Information Management

Giunti Labs Launches learn eXact for Asian Markets

Sestri Levante (IT), March 2009 - Giunti Labs has increased its presence at the annual Global Learning Summit, held in Singapore from 24 - 27 of February. In addition, at the event, Giunti Labs launched the new Enterprise 2009 Edition of its learn eXact Online and Mobile Learning Content Management Suite (LCMS).




As well as giving the opening address to the Summit on 26 February, Giunti Labs' CEO, Fabrizio Cardinali made two presentations: one examining the latest developments in tools and technologies for mobile learning and the other looking at how using new-generation enterprise LCM systems can help organisations survive the current global economic crisis.

"In a world of increasing financial pressure and global competition, large organisations have a heightened need for innovation and creativity in the way they manage their knowledge assets, secure their content archives, and create effective learning experiences for their rapidly evolving workforces and labour needs", observed Cardinali.

"Media-dependent, skills-adapted, enterprise-wide, learning content production, management, and sharing projects and tasks, including corporate-wide information dissemination, performance support, and competence management, are becoming paramount to support business changes and evolution."

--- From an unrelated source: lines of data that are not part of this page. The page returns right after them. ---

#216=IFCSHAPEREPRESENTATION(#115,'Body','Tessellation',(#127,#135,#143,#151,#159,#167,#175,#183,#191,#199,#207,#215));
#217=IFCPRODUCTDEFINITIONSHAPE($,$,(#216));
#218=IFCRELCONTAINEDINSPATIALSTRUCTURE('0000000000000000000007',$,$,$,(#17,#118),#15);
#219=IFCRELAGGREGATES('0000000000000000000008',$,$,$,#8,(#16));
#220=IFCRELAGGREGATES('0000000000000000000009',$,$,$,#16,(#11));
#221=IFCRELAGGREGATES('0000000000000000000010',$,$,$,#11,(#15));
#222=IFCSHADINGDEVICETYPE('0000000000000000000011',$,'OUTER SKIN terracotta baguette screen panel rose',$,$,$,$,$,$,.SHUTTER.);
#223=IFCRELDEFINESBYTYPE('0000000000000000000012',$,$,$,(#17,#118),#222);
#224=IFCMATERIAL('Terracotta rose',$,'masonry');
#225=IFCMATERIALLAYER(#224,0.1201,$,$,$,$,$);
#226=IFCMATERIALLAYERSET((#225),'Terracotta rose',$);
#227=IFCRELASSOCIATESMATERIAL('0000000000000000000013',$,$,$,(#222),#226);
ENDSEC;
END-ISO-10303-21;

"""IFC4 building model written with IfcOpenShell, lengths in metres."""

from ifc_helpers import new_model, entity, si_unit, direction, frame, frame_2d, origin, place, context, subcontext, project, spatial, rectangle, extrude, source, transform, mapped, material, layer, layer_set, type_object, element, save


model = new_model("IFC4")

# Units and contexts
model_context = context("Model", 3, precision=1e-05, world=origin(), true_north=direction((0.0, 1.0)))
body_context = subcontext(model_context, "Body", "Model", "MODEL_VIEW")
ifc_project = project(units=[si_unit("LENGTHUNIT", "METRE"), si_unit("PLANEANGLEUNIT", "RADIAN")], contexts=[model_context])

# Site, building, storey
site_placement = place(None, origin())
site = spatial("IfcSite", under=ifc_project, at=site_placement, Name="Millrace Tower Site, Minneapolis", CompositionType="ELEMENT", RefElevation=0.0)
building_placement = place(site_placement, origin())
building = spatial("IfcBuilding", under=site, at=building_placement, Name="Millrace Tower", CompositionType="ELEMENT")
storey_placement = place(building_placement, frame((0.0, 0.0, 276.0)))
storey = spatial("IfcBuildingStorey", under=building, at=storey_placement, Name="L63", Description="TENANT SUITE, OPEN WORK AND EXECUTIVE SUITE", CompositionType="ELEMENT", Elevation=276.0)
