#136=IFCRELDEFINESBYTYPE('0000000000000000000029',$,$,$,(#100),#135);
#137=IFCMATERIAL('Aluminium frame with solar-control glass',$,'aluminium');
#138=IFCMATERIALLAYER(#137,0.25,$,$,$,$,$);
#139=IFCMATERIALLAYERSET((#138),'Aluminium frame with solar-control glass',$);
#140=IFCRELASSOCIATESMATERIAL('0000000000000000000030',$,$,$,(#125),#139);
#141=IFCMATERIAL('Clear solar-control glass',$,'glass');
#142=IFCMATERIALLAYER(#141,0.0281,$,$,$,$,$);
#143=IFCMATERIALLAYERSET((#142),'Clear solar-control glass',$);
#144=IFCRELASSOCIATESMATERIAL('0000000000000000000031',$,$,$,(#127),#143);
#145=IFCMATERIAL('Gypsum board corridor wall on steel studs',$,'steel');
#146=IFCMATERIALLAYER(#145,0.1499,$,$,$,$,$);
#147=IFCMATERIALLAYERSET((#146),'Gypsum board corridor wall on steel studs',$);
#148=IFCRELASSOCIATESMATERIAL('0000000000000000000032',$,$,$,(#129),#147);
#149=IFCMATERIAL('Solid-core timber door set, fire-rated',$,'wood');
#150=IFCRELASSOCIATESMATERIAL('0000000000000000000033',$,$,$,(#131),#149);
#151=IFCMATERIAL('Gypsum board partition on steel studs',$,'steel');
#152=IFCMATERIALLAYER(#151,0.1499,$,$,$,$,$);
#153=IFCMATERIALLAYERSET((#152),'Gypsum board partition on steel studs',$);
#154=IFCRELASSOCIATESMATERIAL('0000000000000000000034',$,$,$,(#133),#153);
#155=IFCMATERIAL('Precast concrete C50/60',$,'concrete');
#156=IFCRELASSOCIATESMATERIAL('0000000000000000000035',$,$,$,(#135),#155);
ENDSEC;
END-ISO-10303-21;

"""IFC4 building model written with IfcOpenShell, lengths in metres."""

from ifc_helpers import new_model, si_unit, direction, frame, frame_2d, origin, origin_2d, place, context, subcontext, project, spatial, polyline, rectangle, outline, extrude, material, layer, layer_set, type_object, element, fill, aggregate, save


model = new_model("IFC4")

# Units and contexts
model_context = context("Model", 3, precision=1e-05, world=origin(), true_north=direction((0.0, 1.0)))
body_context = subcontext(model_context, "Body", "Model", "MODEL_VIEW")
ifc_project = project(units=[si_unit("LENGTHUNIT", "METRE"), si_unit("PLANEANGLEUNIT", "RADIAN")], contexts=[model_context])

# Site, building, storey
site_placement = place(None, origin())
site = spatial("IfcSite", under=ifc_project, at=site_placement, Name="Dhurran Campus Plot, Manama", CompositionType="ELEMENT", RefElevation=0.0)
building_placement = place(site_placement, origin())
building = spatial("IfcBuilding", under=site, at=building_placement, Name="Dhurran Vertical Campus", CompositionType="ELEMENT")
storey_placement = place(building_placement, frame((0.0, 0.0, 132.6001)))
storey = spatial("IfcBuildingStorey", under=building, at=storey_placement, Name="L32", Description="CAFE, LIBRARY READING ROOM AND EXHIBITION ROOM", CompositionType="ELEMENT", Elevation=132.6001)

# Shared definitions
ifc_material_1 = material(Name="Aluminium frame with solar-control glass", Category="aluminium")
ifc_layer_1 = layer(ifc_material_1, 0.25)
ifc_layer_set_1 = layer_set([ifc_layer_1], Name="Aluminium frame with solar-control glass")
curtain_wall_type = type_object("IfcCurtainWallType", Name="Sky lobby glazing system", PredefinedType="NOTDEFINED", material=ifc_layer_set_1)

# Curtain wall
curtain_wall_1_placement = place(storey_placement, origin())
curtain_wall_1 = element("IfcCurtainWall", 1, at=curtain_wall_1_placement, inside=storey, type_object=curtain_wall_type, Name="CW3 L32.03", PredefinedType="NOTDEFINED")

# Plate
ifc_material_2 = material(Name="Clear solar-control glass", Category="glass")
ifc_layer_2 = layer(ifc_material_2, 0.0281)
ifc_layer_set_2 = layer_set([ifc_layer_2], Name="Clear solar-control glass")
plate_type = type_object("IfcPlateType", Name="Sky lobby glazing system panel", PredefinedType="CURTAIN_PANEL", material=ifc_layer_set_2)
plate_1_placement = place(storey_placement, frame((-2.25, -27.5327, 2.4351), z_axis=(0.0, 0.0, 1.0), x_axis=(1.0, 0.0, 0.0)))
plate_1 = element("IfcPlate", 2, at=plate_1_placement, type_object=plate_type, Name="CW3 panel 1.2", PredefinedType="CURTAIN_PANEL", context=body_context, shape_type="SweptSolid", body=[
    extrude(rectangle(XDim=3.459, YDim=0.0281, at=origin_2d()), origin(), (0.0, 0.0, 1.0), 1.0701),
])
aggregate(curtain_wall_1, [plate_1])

"Information duplication, loss of consistency, and ineffective searching and harvesting of content are unaffordable inefficiencies in today's corporate environments", he continued. "So to help its worldwide corporate client base overcome such challenges, Giunti Labs has launched the new Enterprise 2009 Edition of its learn eXact Online and Mobile Learning Content Management Suite (LCMS)."

While attracting most of its delegates from Singapore (twenty per cent) and nearby Malaysia (eleven per cent), the Summit also drew visitors from Europe and the Americas (three per cent each) as well as Africa and the Middle East (ten per cent), India (five per cent), and mainland China (five per cent).